Все это не может не сказаться на взаимоотношениях сознания со звуковой субстанцией, ибо сознание, обученное методике чтения линейной нотации, никогда уже не сможет непосредственно слиться со звуковым потоком ввиду того, что в сферу слухового опыта, вольно или невольно, отныне всегда будет привноситься визуальный аналитический контроль, а последование подобий отныне всегда будет рассматриваться через призму последования тождеств и различий. Вот почему можно утверждать, что введение линейной нотации делает невозможным не только реальное пребывание сознания в мелодическом пространстве cantus planus, но подрывает сами основы аудиальной общности, и вместе с этим и основы старой монашеской общности вообще. С введением линейной нотации кончается эра монашеского пения и начинается эра музыки кафедральных соборов, кончается эпоха cantus planus и начинается эпоха музыки res facta. Собственно говоря, основополагающее отличие музыки res facta от cantus planus как раз и заключается в том, что в музыке res facta сфера слухового опыта начинает контролироваться и даже регламентироваться сферой визуального опыта, и инструментом этого контроля и этой регламентации становится линейная нотация.
Линейная нотация по своему принципу действия схожа с алфавитным письмом, а алфавит, как утверждает Мак–Люэн вслед за Гарольдом Иннисом, «является агрессивной и воинственной фор мой, поглощающей и трансформирующей культуры»[63]. В подтверждение этого положения он ссылается на миф о древнегреческом царе Кадме, введшем фонетический алфавит и посеявшем зубы дракона, которые дали всходы в виде вооруженных воинов. Алфавитное письмо, подобно зубам дракона, вгрызается в действительность и, подобно армии вооруженных воинов, устанавливает новый мировой порядок. Оно является одновременно и причиной и следствием «выделения визуального восприятия из его обыч ной включенности в аудио–тактильное взаимодействие чувств. Лменно этот процесс, вызванный опытом освоения фонетического письма, меняет мир древних обществ, изгоняя из него «священные», или космические, пространство и время, и формирует лишенное родовых черт, или «мирское», пространство и время цивилизованного и прагматичного человека»[64].

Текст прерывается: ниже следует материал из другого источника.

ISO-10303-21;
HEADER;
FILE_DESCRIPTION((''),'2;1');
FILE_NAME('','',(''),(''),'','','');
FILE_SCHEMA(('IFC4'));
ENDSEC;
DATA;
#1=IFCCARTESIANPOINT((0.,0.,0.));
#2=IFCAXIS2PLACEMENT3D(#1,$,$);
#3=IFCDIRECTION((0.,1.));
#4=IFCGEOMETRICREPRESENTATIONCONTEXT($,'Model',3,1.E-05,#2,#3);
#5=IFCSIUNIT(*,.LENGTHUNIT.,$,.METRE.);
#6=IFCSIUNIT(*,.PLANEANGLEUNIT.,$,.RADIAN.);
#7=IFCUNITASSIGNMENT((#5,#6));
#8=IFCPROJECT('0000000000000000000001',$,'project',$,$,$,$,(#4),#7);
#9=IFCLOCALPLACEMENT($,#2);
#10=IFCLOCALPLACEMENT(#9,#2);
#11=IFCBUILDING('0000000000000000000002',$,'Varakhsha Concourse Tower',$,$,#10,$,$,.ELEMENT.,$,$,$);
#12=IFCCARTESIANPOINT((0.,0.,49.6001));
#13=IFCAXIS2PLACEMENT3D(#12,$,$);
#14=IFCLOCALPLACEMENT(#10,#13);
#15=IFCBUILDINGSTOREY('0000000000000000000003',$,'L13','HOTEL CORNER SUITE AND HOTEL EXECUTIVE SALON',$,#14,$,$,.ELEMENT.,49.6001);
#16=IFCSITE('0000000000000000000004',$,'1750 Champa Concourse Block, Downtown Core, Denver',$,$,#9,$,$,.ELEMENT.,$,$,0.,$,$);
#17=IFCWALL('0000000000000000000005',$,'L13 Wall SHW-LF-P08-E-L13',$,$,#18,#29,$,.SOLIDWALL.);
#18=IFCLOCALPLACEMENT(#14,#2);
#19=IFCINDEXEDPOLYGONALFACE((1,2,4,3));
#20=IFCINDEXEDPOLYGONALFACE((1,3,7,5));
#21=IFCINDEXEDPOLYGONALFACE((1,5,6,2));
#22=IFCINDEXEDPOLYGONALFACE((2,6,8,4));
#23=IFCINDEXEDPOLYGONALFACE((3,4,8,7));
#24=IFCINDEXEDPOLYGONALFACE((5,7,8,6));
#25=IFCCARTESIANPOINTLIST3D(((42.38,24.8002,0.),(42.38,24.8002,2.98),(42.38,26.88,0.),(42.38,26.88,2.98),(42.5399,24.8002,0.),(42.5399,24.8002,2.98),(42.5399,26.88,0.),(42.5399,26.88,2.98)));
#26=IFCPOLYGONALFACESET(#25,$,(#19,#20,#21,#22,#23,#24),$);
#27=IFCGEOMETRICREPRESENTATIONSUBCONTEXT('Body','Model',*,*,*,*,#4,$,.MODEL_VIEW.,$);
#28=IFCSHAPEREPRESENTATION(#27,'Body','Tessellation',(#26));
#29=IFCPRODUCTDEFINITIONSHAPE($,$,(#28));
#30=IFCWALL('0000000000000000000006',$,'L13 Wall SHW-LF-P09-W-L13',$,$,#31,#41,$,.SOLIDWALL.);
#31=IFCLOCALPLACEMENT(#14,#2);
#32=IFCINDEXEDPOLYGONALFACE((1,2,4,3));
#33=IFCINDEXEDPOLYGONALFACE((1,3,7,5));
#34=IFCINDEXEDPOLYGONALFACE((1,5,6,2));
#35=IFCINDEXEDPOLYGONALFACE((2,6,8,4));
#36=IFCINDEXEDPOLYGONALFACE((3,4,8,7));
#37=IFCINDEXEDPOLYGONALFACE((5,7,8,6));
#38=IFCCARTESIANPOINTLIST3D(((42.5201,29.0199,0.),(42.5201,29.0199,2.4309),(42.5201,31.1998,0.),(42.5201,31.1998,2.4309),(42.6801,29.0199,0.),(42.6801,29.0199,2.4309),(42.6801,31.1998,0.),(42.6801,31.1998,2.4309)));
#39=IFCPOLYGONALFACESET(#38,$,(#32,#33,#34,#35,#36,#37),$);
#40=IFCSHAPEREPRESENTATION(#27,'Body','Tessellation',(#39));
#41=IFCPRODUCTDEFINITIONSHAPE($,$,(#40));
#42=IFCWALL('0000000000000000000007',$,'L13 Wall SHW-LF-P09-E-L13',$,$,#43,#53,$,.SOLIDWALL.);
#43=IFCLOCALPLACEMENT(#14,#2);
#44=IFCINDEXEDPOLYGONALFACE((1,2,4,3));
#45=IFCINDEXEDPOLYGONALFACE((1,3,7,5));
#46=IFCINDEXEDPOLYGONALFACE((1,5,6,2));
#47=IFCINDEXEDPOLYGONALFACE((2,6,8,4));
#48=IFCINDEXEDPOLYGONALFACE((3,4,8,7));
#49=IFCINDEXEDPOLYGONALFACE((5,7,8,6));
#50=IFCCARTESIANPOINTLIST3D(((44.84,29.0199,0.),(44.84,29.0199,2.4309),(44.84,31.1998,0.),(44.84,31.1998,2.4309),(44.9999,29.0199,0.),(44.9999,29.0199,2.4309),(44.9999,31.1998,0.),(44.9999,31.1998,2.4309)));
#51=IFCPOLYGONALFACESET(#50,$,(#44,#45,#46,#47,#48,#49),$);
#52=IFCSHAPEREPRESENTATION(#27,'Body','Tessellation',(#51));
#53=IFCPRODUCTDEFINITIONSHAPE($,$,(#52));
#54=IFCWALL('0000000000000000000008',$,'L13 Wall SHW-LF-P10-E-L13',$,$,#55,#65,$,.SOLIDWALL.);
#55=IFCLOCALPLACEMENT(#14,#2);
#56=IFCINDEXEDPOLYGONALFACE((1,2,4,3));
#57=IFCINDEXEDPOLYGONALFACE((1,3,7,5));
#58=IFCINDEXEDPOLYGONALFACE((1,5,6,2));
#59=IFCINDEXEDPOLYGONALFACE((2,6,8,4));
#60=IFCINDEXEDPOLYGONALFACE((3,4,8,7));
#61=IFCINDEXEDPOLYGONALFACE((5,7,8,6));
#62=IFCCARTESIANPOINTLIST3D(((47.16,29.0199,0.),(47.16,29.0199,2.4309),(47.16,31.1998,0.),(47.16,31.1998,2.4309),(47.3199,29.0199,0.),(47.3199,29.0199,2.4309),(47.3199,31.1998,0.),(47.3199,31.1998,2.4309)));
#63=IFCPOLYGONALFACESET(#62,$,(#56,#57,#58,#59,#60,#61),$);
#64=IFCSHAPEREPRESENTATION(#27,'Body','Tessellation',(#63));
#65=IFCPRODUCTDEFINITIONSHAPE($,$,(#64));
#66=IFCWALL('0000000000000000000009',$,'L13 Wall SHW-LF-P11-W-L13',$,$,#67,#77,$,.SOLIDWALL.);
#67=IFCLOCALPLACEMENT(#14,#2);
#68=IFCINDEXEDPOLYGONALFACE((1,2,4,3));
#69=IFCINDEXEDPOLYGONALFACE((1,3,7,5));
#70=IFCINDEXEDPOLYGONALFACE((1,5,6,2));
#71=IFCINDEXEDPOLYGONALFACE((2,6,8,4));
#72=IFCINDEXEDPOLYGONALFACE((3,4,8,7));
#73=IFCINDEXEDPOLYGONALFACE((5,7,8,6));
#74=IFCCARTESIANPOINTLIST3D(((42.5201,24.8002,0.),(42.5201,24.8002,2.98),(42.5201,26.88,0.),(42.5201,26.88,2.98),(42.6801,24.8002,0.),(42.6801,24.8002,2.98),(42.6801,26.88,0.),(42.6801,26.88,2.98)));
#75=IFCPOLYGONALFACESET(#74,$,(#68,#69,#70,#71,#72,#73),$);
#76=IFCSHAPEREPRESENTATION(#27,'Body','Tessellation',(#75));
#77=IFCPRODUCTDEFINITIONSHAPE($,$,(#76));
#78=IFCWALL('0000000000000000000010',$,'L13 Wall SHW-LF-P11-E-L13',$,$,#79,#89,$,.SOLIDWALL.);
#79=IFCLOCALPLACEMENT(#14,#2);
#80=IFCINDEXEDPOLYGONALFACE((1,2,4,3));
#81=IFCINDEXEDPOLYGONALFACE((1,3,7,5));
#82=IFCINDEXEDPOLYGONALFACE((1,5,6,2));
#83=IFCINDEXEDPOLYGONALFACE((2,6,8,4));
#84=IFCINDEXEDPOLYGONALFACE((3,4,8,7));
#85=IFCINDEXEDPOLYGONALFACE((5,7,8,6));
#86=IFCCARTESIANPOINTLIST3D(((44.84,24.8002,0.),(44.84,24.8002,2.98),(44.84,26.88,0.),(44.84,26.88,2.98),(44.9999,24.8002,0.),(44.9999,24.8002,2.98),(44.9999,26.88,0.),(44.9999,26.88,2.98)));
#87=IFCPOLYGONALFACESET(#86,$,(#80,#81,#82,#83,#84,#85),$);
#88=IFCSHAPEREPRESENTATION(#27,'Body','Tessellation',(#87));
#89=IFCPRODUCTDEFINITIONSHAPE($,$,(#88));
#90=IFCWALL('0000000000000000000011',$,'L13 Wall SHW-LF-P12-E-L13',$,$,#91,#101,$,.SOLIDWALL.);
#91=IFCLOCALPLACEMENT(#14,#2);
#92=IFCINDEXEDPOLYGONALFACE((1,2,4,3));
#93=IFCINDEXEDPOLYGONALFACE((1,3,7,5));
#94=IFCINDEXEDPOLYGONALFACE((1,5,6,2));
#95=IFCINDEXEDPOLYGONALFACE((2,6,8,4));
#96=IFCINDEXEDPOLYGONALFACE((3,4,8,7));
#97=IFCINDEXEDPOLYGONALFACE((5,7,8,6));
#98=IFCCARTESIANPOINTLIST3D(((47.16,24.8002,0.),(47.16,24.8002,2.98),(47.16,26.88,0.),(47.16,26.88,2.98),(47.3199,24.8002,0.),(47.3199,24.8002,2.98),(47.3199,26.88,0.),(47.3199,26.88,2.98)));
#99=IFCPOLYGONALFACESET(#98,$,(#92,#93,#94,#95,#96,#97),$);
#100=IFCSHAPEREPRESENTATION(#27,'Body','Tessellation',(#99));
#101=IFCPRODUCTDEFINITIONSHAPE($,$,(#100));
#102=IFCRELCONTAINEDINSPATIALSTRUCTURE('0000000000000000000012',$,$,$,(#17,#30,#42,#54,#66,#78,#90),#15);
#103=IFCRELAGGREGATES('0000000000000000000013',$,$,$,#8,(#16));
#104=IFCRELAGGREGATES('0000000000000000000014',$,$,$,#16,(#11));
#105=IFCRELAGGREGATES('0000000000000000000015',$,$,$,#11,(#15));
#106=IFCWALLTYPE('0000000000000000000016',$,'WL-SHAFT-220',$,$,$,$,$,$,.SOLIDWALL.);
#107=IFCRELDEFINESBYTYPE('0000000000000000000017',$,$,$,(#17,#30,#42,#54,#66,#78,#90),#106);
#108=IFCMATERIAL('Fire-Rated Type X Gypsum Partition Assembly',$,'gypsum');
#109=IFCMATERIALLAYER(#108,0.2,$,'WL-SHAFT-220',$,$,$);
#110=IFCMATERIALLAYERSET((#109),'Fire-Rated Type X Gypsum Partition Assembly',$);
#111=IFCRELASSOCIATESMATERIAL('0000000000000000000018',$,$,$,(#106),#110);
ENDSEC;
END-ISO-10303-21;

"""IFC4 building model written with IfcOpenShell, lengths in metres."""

from ifc_helpers import new_model, si_unit, direction, frame, frame_2d, origin, place, context, subcontext, project, spatial, rectangle, extrude, material, layer, layer_set, type_object, element, save


model = new_model("IFC4")

# Units and contexts
model_context = context("Model", 3, precision=1e-05, world=origin(), true_north=direction((0.0, 1.0)))
body_context = subcontext(model_context, "Body", "Model", "MODEL_VIEW")
ifc_project = project(units=[si_unit("LENGTHUNIT", "METRE"), si_unit("PLANEANGLEUNIT", "RADIAN")], contexts=[model_context])

# Site, building, storey
site_placement = place(None, origin())
site = spatial("IfcSite", under=ifc_project, at=site_placement, Name="1750 Champa Concourse Block, Downtown Core, Denver", CompositionType="ELEMENT", RefElevation=0.0)
building_placement = place(site_placement, origin())
building = spatial("IfcBuilding", under=site, at=building_placement, Name="Varakhsha Concourse Tower", CompositionType="ELEMENT")
storey_placement = place(building_placement, frame((0.0, 0.0, 49.6001)))
storey = spatial("IfcBuildingStorey", under=building, at=storey_placement, Name="L13", Description="HOTEL CORNER SUITE AND HOTEL EXECUTIVE SALON", CompositionType="ELEMENT", Elevation=49.6001)

# Shared definitions
ifc_material_1 = material(Name="Fire-Rated Type X Gypsum Partition Assembly", Category="gypsum")

# Walls
ifc_layer_1 = layer(ifc_material_1, 0.2, Name="WL-SHAFT-220")
ifc_layer_set_1 = layer_set([ifc_layer_1], Name="Fire-Rated Type X Gypsum Partition Assembly")
wall_type_1 = type_object("IfcWallType", Name="WL-SHAFT-220", PredefinedType="SOLIDWALL", material=ifc_layer_set_1)
for number, where, z_axis, x_axis, name in (
    (1, (42.46, 24.8, 0.0), (0.0, 0.0, 1.0), (0.0, 1.0, 0.0), "L13 Wall SHW-LF-P08-E-L13"),
):
    element("IfcWall", number, at=place(storey_placement, frame(where, z_axis=z_axis, x_axis=x_axis)), inside=storey, type_object=wall_type_1, Name=name, PredefinedType="SOLIDWALL", context=body_context, shape_type="SweptSolid", body=[
        extrude(rectangle(XDim=2.0798, YDim=0.1599, at=frame_2d((1.04, 0.0))), origin(), (0.0, 0.0, 1.0), 2.98),
    ])
for number, where, z_axis, x_axis, name in (
    (2, (42.6001, 29.02, 0.0), (0.0, 0.0, 1.0), (0.0, 1.0, 0.0), "L13 Wall SHW-LF-P09-W-L13"),
    (3, (44.9199, 29.02, 0.0), (0.0, 0.0, 1.0), (0.0, 1.0, 0.0), "L13 Wall SHW-LF-P09-E-L13"),
    (4, (47.24, 29.02, 0.0), (0.0, 0.0, 1.0), (0.0, 1.0, 0.0), "L13 Wall SHW-LF-P10-E-L13"),
):
    element("IfcWall", number, at=place(storey_placement, frame(where, z_axis=z_axis, x_axis=x_axis)), inside=storey, type_object=wall_type_1, Name=name, PredefinedType="SOLIDWALL", context=body_context, shape_type="SweptSolid", body=[
        extrude(rectangle(XDim=2.1799, YDim=0.1599, at=frame_2d((1.0898, 0.0))), origin(), (0.0, 0.0, 1.0), 2.4309),
    ])
for number, where, z_axis, x_axis, name in (
    (5, (42.6001, 24.8, 0.0), (0.0, 0.0, 1.0), (0.0, 1.0, 0.0), "L13 Wall SHW-LF-P11-W-L13"),
    (6, (44.9199, 24.8, 0.0), (0.0, 0.0, 1.0), (0.0, 1.0, 0.0), "L13 Wall SHW-LF-P11-E-L13"),
    (7, (47.24, 24.8, 0.0), (0.0, 0.0, 1.0), (0.0, 1.0, 0.0), "L13 Wall SHW-LF-P12-E-L13"),
):
    element("IfcWall", number, at=place(storey_placement, frame(where, z_axis=z_axis, x_axis=x_axis)), inside=storey, type_object=wall_type_1, Name=name, PredefinedType="SOLIDWALL", context=body_context, shape_type="SweptSolid", body=[
        extrude(rectangle(XDim=2.0798, YDim=0.1599, at=frame_2d((1.04, 0.0))), origin(), (0.0, 0.0, 1.0), 2.98),
    ])

save(model, "model.ifc")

Все вышесказанное об алфавитном письме можно отнести к линейной нотации, ибо эта нотация, подобно зубам дракона, вгрызается в мелодическое пространство cantus planus и, как армия вооруженных воинов, устанавливает новые законы и порядки на территории, отвоеванной у сферы слухового опыта. Линейная нотация в корне меняет понимание и природу самого акта музицирования. Если раньше целью акта музицирования являлось воспроизведение уже слышанного, на основании последования подобий, то теперь такой целью становится произведение ранее не слышанного, на основании последования тождеств и различий. Столь кардинальное изменение влечет за собой возникновение новой музыкальной парадигмы — на смену cantus planus приходит музыка res facta. Уже само словосочетание «res facta» — «вещь сделанная» — говорит о многом. Если cantus planus мыслится как некая данность, которая существует помимо человека и может только воспроизводиться им, то музыка res facta — это то, что делается и создается самим человеком. Когда же мы говорим, что музыка делается и создается человеком, то под этим следует подразумевать акт нотной записи, ибо сделать музыку значит не что иное, как написать музыку. Музыка res facta — это музыка, записанная прежде, чем быть исполненной и услышанной, причем само исполнение представляет собой процесс чтения нотолинейного текста, что позволяет говорить о доминирующем положении сферы визуального опыта в акте музицирования.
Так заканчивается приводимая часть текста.